The additions to the Win32 API form VenturCom's real-time API, RTAPI. The RTAPI provides constructs essential to deterministic operation, such as process and thread management, fixed-priority scheduling, and interrupt management. It also provides I/O-area access to eliminate the need for some device drivers as well as memory management to allow processes to lock memory.

VenturCom implements the core functions and resource management of RTX as a Windows NT device driver. The driver provides the services necessary for a real-time subsystem (RTSS), including a process and thread scheduler and interprocess communications between Windows NT and RTX. Interprocess communication uses two FIFO message buffers, one for each direction of information flow.

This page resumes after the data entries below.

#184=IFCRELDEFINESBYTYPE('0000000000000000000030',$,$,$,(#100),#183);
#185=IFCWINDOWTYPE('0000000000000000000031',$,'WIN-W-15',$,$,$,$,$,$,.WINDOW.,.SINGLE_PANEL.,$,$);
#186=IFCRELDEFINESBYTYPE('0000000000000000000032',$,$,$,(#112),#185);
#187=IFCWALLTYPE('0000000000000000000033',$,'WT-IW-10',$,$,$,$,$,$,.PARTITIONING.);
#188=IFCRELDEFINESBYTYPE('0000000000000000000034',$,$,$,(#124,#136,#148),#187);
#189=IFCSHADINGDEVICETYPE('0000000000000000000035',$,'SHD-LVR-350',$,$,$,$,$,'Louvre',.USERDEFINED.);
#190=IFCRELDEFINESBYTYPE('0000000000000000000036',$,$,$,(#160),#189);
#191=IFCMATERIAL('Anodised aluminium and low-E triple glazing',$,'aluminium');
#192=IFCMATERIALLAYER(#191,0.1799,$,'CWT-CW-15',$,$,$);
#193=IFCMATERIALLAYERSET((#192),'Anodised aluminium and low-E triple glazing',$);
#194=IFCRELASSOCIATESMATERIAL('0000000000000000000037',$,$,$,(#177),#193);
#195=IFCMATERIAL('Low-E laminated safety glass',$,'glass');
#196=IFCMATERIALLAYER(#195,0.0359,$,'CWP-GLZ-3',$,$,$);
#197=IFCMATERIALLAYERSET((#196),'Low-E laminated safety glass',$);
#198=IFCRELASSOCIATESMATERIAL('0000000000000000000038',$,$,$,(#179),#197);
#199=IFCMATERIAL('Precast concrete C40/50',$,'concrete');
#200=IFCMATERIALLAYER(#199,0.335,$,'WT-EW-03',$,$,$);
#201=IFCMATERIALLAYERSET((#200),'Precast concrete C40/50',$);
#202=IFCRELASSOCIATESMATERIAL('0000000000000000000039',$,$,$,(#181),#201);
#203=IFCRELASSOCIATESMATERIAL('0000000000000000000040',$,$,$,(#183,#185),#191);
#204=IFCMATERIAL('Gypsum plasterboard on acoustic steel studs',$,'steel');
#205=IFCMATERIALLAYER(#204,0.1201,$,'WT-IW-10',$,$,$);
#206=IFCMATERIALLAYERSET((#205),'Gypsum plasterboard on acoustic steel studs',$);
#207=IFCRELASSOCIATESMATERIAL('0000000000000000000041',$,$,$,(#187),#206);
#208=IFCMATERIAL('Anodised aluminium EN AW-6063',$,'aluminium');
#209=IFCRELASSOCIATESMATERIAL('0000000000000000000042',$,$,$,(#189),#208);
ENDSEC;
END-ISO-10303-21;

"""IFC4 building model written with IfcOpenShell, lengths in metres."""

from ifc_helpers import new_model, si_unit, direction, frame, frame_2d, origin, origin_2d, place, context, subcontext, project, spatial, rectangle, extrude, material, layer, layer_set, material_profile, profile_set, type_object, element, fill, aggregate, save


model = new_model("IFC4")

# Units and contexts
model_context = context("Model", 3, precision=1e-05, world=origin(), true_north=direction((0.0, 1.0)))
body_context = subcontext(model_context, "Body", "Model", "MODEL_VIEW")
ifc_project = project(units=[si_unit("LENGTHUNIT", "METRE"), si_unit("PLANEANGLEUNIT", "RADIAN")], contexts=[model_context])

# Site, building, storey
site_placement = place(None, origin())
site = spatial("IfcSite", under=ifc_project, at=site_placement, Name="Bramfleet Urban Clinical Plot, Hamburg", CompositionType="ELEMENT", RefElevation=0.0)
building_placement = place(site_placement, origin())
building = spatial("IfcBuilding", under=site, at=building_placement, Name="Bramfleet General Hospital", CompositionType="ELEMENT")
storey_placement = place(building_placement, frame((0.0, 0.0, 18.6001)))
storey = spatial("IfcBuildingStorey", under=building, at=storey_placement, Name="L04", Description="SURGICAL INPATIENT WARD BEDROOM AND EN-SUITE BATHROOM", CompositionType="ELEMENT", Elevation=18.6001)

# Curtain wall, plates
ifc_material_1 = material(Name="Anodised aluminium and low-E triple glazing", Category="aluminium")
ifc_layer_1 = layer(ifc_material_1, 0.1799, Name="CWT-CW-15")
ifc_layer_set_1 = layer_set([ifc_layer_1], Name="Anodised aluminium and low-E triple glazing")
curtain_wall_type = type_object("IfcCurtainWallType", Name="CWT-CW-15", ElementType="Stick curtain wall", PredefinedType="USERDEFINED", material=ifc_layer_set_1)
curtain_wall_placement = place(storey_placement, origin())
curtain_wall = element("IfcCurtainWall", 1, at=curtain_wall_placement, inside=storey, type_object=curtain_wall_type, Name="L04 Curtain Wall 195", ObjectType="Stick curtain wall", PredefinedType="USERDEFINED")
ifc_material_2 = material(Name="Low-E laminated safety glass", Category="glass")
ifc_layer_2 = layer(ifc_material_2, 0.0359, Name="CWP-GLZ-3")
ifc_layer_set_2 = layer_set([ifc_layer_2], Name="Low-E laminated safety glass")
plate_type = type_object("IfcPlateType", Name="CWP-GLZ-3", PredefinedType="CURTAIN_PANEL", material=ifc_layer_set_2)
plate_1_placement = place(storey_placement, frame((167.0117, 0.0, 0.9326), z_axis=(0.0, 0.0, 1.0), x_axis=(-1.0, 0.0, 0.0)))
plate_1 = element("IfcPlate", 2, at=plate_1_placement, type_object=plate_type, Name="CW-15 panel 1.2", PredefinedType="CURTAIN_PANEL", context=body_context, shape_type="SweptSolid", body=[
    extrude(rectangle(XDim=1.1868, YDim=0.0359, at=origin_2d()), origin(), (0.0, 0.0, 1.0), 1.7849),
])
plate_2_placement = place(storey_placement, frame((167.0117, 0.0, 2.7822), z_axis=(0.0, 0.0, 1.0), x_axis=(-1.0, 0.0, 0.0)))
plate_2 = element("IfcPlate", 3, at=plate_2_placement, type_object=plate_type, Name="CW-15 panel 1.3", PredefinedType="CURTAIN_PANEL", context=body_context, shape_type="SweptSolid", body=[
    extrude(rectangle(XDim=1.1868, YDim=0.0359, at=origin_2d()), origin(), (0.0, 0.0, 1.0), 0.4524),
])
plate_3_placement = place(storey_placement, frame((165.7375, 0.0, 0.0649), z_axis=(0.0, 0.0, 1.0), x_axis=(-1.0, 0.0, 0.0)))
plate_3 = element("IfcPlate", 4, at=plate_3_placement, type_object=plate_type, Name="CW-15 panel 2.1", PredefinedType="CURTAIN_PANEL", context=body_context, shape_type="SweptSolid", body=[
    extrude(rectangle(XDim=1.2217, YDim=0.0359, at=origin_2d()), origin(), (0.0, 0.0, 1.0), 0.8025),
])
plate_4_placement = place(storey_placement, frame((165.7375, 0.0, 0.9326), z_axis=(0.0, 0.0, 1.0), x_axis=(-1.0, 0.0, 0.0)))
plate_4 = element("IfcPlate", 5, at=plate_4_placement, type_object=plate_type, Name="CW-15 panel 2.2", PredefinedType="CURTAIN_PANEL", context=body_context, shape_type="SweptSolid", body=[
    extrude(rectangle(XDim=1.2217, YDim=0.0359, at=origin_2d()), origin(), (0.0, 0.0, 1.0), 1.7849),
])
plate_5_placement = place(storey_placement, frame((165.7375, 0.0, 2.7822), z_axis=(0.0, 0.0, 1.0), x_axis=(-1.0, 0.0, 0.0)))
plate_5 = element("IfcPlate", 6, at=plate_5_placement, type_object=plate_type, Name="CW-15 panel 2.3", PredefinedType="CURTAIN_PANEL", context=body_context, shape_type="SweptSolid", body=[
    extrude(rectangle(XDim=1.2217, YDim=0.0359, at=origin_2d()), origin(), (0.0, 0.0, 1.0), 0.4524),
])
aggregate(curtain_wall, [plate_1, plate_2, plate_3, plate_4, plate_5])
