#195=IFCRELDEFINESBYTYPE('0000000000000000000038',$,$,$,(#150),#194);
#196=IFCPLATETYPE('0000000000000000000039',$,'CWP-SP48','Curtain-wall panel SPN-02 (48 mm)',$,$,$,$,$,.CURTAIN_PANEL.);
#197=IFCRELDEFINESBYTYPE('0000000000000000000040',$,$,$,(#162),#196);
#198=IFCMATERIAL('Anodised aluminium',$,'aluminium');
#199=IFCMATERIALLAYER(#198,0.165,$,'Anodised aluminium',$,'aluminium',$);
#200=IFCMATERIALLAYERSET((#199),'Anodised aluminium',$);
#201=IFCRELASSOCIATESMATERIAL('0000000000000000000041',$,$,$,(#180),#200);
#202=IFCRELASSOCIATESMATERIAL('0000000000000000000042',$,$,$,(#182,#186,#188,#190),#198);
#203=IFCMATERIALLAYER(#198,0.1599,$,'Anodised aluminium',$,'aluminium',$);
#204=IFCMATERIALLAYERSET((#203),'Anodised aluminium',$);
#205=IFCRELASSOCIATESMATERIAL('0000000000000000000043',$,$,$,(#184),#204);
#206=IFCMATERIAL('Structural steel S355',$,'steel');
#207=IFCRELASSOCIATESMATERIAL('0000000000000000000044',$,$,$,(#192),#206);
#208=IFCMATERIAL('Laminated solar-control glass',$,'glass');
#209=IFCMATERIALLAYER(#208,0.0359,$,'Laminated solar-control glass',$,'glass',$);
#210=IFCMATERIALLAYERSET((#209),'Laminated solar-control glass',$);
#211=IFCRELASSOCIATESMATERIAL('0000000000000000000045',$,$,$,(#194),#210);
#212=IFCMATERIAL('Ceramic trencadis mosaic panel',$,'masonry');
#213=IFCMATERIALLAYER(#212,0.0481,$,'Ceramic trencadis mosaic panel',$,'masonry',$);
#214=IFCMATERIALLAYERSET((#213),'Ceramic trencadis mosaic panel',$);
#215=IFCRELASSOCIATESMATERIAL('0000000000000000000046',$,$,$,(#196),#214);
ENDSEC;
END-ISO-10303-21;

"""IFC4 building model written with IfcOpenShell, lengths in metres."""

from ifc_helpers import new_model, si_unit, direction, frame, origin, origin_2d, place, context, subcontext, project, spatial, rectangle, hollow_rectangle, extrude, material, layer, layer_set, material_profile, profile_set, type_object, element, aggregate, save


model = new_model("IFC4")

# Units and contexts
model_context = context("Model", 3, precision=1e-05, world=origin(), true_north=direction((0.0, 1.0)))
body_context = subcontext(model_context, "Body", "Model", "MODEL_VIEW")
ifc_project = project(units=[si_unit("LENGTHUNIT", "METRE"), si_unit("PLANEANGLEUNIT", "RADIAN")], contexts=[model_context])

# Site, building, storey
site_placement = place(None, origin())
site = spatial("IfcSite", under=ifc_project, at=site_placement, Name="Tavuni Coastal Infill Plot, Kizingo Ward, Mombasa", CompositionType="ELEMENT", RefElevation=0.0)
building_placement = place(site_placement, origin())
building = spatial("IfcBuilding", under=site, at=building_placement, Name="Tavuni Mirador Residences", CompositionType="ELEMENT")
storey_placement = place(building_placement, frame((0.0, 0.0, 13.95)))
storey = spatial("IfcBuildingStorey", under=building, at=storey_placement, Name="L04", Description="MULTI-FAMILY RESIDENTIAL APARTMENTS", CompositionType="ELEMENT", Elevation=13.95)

Collectively, the RTAPI, RTSS, and modified HAL alter Windows NT so that it can handle both conventional and real-time processes (Figure 3). Programmers use the Win32 API calls for non-real-time functions, use both Win32 and RTAPI calls for functions that deal with both processes, and use RTAPI and a real-time-compatible subset of Win32 for processes that need real-time operation in less than a millisecond.

Because RTX runs as part of Windows NT, rather than as a second OS, developers create the applications as one program, not two separate pieces. However, to use the appropriate API when programming, developers still need to know which tasks need real-time performance.

Interrupts: Win NT's weakness

The VenturCom, Radisys, and Imagination Systems approaches to running real-time applications with Windows NT all differ, but they share a common weakness: the interrupt. All three approaches take control of interrupt response to ensure that the system quickly handles critical interrupts. Unfortunately, they cannot control what the system does to interrupts when Windows NT has control.

Sections of the BIOS and the Windows NT kernel, in addition to some device (such as video-card or disk-drive) drivers, disable interrupts during critical sections of code. Some poorly written device drivers disable interrupts for an excessive time period. While interrupts are disabled, real-time processes are locked out. Thus, the potential exists for a Windows NT device or application to halt real-time processes indefinitely.

The BIOS and Win NT-kernel operations that mask interrupts keep real-time operations on Windows NT to a worst-case interrupt response time of 20 to 50 µsec. The effect of device-driver masking, however, is unbounded. The only way to avoid the effect is to ensure that the system running real-time code has only well-behaved drivers. That necessity means that you have to thoroughly test final system configurations in addition to controlling system configuration at the customer site. This added burden of controlling system configuration is one of many logistical and behavioral factors that designers should evaluate before choosing real-time Windows NT.

A behavioral factor with which designers should concern themselves is the system's behavior in the event of a software failure. Both Hyperkernel and INtime run the RTOS independently of Windows NT. If Windows NT suffers a system failure, resulting in the dreaded blue-screen shutdown, the real-time portions keep running.

System response to failure

This persistence can be good or bad, depending on how you write your application. If the system keeps running normally but without the operator interface that Win NT provided, it could fail to receive critical operator commands. Systems need to detect Windows NT failures and provide a transfer of user interface or a controlled shutdown. Windows NT cannot reboot without also rebooting the second OS.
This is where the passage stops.